03-16-2015 11:14 AM
I have an DAq MX which reads a voltage. The aquistion part is a while loop which has a 'Wait Until Next ms Multiple Function' which is set to 100ms. The loop should thus run at 10 Hz. I wired a constant of 10 to the rate channel of the 'DAQmx Timing (VI)'. But I think there is a synchronisation issue. If I run the program and let the voltage increase than I see the readings change but not increase. When I stop the program and start it again the readings are suddly a lot higher.
Is the buffer to big in this case or something? How do I synchronize the loop with the aquistion? So that it gets the latest reading?
03-16-2015 11:42 AM - edited 03-16-2015 11:47 AM
For a DAQmx read you don't need a wait in the loop. Read a fixed number of samples (say 0.10 seconds worth) and the DAQmx read will never fall out of synch. What you are seeing is the difference between your PC Clock and the devices timebase. Over time the buffer may actually fill up and report an error. So, don't use timing functions in a DAQmx acquisition loop
For example look at "Voltage - Continuous Input.vi" from the shipping examples
03-17-2015 03:30 AM
Thanks for the response. The voltage readout is part of a bigger loop which controls something at a fixed rate. Which is also important to at a fixed rate.

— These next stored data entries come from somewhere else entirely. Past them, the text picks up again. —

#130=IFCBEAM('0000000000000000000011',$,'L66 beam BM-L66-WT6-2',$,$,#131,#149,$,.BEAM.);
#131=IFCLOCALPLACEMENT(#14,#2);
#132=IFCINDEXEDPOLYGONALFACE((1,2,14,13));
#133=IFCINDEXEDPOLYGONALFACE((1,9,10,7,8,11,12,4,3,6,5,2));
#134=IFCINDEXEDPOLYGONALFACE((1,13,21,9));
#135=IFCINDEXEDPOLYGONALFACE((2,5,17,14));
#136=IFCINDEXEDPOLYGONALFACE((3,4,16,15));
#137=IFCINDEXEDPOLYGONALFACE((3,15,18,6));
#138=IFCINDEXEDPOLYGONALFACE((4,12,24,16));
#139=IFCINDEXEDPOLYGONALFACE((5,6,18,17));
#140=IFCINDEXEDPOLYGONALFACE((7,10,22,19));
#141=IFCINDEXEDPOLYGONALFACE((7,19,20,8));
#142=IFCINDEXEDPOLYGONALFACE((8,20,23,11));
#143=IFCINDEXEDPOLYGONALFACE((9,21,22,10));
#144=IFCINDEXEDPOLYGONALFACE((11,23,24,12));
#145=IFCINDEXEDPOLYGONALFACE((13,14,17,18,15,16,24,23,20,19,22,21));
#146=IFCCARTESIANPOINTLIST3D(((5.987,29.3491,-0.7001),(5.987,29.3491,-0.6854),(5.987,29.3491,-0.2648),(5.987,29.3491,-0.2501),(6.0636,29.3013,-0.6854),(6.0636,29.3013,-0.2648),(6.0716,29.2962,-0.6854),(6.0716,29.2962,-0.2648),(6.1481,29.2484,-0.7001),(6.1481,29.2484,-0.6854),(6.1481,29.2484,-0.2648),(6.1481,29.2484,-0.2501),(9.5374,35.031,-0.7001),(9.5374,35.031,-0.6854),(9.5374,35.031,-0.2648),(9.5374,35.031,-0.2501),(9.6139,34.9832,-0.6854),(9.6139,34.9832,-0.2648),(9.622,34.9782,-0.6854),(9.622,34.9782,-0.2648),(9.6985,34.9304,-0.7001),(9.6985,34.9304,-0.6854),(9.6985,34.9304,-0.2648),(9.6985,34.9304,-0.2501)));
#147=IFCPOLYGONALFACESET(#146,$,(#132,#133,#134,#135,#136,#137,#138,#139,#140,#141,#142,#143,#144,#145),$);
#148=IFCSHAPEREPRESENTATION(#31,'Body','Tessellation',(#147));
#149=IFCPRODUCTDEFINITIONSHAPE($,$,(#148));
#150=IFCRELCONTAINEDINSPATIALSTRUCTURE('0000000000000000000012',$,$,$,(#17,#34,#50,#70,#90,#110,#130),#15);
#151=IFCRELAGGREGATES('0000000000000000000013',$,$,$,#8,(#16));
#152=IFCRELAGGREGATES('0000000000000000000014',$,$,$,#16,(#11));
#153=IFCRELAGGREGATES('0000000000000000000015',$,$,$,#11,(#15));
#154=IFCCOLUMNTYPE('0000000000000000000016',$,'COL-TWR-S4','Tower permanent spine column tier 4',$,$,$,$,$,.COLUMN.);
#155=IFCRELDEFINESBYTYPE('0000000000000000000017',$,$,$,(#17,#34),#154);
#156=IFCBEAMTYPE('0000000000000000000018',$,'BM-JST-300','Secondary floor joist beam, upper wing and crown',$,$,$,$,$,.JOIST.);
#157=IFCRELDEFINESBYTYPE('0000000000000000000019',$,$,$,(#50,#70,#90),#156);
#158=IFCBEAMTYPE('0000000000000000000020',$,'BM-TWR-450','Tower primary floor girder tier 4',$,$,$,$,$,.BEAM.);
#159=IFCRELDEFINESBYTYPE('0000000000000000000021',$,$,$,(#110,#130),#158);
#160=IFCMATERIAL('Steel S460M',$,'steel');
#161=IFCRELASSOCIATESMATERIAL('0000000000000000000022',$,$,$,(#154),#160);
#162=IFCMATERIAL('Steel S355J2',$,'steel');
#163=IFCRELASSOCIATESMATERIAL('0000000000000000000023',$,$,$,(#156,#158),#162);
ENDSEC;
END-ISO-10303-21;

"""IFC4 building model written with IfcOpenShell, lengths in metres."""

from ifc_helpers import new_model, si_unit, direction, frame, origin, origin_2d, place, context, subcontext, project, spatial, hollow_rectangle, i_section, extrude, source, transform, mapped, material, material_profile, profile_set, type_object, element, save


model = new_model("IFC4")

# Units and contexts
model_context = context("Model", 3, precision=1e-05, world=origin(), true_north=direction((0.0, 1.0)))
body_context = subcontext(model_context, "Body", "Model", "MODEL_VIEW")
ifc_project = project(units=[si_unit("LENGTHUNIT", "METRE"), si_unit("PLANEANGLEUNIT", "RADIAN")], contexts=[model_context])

Is there a way to combine the readout of the voltages with a timed loop?
03-17-2015 08:44 AM
Typically you would run the acquisition and control sections in seperate loops.
03-17-2015 08:52 AM - edited 03-17-2015 08:54 AM
How would you do that then? Please explain 🙂
But what if you base the control on the reading of the DaqMX (the aquistion)? Than you would base the time increments on the Daq speed? It is not possible to force the aquisiton to run at the same rate?
This is what I tried:
03-17-2015 09:21 AM
1. Do NOT wire up the Samples Per Channel on the DAQmx Timing VI. You are just limiting the buffer and are likely to cause errors.
2. Do NOT use a wait inside of your acquisition loop. As Jeff said, the DAQmx Read will wait for the next sample to come in. So that VI will limit your loop rate. The DAQ will sample at the rate you tell it to with the DAQmx Timing VI.
3. Use a queue to send the data from your acquisition loop to your control loop.
03-17-2015 09:25 AM
05-06-2015 04:32 AM - edited 05-06-2015 04:33 AM
I implemented it now like this. But I don't get a fixed timestep between the log points..The upper loop runs at 1 Khz while the log interval is set to 100 ms (10 Hz). The odd thing is also that I get the timestamps double in the log. What could cause this?
05-06-2015 05:16 AM
05-06-2015 06:32 AM
Thanks for your reply!
But implementation is the same as that of the example 'Voltage - Continuous Input.vi' right? What is wrong with my variant? Or should I use 100 sample aquistion mode.
With the timed loop you mean this one: http://zone.ni.com/reference/en-XX/help/371361H-01/glang/timed_loop/
But won't you get problems with the buffer then? That the buffer is filled faster then it is cleared?